# Jet Tool paint



## tnilmerl (Aug 23, 2011)

OK, I want to touch-up some scratches and nicks in my Jet Tools.  I browsed and searched the internet, but I'm apparently not looking in the right places.  Does anyone know where I can get a can of paint matching the Jet Tools ecru/eggshell/off-white?  I know you can but John Deere green, so somebody has got to sell this off-white.


----------



## juteck (Aug 23, 2011)

I got mine directly from Jet.


----------



## nsfr1206 (Aug 23, 2011)

Rust-o-leum does something very close in a rattle can. I painted an upgrade on my table saw and its very close to perfect if not there.


----------



## nsfr1206 (Aug 23, 2011)

If no one chimes in with the name I can go out to shop and check.
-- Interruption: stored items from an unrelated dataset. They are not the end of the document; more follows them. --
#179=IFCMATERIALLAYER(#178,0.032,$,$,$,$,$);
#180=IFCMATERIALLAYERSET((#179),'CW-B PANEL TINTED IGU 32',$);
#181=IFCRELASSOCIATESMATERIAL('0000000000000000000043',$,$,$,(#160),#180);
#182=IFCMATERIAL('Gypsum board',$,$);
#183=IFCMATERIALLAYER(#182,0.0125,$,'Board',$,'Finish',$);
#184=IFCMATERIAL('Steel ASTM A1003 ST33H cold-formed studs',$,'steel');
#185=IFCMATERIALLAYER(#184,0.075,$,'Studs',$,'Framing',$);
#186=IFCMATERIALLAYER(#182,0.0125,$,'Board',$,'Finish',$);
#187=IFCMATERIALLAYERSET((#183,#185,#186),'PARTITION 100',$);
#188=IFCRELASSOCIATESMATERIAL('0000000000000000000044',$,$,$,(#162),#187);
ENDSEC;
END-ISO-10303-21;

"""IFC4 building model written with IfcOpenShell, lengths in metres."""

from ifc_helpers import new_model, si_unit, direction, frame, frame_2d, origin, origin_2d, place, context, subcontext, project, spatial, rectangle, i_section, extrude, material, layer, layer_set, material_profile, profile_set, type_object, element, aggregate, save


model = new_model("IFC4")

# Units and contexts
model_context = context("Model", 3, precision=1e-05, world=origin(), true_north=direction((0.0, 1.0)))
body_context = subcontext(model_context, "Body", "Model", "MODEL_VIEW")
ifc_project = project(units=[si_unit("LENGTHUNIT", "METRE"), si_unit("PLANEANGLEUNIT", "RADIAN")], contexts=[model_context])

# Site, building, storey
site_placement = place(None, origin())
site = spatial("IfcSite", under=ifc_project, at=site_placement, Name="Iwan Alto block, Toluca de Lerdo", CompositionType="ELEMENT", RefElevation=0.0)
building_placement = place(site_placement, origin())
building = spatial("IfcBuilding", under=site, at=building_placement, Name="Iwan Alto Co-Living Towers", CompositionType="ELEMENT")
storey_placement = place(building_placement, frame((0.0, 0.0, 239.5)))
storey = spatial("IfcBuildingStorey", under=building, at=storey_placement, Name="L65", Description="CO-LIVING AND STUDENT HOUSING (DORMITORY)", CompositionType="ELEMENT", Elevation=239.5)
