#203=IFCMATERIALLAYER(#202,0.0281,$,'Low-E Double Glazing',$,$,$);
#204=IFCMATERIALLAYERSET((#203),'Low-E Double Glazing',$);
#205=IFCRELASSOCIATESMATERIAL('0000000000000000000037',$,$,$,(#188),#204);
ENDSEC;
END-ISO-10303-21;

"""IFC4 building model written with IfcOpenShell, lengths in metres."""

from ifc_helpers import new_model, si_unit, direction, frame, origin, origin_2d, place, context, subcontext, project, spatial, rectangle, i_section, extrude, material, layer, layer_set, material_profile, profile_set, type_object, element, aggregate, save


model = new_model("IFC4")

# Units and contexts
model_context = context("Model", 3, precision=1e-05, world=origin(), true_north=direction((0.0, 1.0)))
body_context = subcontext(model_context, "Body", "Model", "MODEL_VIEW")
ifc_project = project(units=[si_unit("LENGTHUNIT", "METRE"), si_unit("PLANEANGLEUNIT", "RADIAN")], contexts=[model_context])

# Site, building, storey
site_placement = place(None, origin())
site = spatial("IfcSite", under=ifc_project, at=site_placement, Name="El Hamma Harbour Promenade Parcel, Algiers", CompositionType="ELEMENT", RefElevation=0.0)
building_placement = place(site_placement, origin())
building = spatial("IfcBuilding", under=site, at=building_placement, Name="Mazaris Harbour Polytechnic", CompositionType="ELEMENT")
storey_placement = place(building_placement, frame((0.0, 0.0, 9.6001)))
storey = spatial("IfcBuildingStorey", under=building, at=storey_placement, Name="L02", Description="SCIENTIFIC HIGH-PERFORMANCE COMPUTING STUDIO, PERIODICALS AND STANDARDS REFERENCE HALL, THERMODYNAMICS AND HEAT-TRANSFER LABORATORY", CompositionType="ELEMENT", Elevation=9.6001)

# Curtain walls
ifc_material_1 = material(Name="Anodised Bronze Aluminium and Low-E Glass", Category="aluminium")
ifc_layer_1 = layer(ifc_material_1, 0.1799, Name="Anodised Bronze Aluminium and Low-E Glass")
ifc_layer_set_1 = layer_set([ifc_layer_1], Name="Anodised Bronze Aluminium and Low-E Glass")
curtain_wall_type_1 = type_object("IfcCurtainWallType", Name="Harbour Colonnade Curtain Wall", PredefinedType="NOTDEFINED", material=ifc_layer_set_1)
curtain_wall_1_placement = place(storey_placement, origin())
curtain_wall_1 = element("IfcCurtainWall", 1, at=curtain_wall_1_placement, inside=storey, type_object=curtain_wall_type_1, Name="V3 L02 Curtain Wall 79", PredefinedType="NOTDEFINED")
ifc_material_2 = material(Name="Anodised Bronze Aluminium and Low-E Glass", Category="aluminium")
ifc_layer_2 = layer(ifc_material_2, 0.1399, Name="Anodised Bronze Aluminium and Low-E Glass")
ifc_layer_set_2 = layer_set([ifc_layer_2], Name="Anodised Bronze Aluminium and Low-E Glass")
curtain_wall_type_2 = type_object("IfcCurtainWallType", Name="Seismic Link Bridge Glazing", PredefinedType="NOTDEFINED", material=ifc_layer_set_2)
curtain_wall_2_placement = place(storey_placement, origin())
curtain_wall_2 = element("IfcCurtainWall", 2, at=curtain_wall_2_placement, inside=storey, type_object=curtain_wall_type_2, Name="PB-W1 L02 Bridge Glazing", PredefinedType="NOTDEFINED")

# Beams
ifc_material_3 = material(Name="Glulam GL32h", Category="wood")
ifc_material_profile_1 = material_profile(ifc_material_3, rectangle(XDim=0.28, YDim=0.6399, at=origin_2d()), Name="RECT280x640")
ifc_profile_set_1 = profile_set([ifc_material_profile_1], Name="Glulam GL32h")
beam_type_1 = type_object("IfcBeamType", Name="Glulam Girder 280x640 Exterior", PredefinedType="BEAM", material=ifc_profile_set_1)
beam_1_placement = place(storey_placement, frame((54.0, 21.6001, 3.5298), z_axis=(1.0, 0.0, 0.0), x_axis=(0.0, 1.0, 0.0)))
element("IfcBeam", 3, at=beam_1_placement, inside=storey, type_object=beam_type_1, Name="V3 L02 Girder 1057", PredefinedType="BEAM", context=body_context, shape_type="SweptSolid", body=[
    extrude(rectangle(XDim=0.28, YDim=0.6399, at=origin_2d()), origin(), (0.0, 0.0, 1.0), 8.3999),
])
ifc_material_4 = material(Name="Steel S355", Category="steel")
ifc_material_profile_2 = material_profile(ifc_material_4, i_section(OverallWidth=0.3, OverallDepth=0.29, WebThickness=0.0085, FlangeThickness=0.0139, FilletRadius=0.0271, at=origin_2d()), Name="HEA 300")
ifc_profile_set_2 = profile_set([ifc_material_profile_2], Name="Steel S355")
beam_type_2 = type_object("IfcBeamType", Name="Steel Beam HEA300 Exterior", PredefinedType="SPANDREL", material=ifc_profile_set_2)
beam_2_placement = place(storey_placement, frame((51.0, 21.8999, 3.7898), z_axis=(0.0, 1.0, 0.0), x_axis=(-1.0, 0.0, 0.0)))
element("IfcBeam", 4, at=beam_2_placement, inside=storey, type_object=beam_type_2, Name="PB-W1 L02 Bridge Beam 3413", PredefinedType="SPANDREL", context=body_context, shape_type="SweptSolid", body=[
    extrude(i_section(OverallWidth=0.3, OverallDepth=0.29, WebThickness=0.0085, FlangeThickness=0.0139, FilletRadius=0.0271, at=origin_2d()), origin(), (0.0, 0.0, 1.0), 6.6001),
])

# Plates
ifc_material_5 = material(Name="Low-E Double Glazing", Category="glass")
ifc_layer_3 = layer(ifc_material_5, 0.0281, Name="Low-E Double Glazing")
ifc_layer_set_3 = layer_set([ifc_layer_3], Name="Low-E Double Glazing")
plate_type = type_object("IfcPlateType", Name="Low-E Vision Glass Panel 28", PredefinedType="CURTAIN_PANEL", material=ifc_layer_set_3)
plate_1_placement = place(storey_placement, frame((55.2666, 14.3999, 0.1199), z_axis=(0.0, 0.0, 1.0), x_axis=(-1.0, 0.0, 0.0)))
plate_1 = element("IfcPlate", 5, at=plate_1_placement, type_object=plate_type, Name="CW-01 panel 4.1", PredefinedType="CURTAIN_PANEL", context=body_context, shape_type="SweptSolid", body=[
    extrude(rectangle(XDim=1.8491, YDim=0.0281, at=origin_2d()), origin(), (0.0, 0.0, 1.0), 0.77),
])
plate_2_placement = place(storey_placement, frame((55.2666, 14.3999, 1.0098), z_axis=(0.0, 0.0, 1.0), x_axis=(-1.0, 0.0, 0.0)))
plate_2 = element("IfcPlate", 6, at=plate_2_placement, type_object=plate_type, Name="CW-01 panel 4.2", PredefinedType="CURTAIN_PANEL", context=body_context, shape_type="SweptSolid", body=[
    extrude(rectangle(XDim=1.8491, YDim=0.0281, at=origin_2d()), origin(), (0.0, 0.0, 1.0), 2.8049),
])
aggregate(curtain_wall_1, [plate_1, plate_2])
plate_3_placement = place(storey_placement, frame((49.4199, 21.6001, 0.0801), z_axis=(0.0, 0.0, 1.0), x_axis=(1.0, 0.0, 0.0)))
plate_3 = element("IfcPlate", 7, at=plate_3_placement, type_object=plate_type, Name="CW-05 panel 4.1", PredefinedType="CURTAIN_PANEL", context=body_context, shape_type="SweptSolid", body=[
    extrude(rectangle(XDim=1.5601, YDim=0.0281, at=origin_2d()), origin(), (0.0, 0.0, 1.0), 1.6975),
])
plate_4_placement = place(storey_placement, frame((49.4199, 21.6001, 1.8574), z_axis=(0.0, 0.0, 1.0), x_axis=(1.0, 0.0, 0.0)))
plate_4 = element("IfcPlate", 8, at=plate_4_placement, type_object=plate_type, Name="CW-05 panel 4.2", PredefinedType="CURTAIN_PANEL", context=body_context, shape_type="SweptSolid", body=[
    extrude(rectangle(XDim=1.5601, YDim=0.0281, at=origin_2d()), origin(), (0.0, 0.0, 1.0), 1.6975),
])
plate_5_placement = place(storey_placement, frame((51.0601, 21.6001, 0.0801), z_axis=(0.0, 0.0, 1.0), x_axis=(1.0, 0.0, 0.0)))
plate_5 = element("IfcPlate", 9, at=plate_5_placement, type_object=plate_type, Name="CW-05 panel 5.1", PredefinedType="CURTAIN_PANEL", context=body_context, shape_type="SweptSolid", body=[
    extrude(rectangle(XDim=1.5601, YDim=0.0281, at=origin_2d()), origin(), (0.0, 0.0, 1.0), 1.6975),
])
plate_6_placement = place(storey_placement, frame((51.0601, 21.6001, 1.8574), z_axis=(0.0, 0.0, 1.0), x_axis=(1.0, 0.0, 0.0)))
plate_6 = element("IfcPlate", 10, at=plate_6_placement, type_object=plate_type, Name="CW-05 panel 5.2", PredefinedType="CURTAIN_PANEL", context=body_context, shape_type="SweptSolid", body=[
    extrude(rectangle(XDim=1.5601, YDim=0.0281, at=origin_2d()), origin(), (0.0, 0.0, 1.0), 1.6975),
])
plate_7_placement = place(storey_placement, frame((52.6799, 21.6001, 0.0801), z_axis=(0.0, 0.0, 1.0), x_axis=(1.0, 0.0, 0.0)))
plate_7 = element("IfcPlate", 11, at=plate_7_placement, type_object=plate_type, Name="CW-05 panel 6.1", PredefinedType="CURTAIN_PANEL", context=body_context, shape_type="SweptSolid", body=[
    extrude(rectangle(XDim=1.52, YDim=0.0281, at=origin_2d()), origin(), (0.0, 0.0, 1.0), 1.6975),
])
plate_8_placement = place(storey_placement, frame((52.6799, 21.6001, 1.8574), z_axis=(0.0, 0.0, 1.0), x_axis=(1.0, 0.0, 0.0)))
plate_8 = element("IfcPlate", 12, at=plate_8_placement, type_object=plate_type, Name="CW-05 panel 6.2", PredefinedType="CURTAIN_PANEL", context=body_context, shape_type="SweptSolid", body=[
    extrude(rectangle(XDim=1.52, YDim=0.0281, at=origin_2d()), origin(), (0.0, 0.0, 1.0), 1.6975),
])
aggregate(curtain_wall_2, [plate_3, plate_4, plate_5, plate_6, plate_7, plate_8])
Or you can search on sawmill creek.


----------



## nsfr1206 (Aug 23, 2011)

Got it. Rustoleum canvas white.


----------



## eldee (Aug 23, 2011)

I also got mine from Jet. Covered the chips very well.


----------



## Haynie (Aug 23, 2011)

I'm gonna paint flames on mine.  Maybe a nice Brooks-esque swirl.


----------



## edman2 (Aug 23, 2011)

When I got my lathe it has been scraped in a couple of places so I called Jet. They sent me a free can of paint. Call Jet customer service.


----------



## tnilmerl (Sep 1, 2011)

thanks for all the responses.  I think I'll start at the top (Jet) and work my way down


----------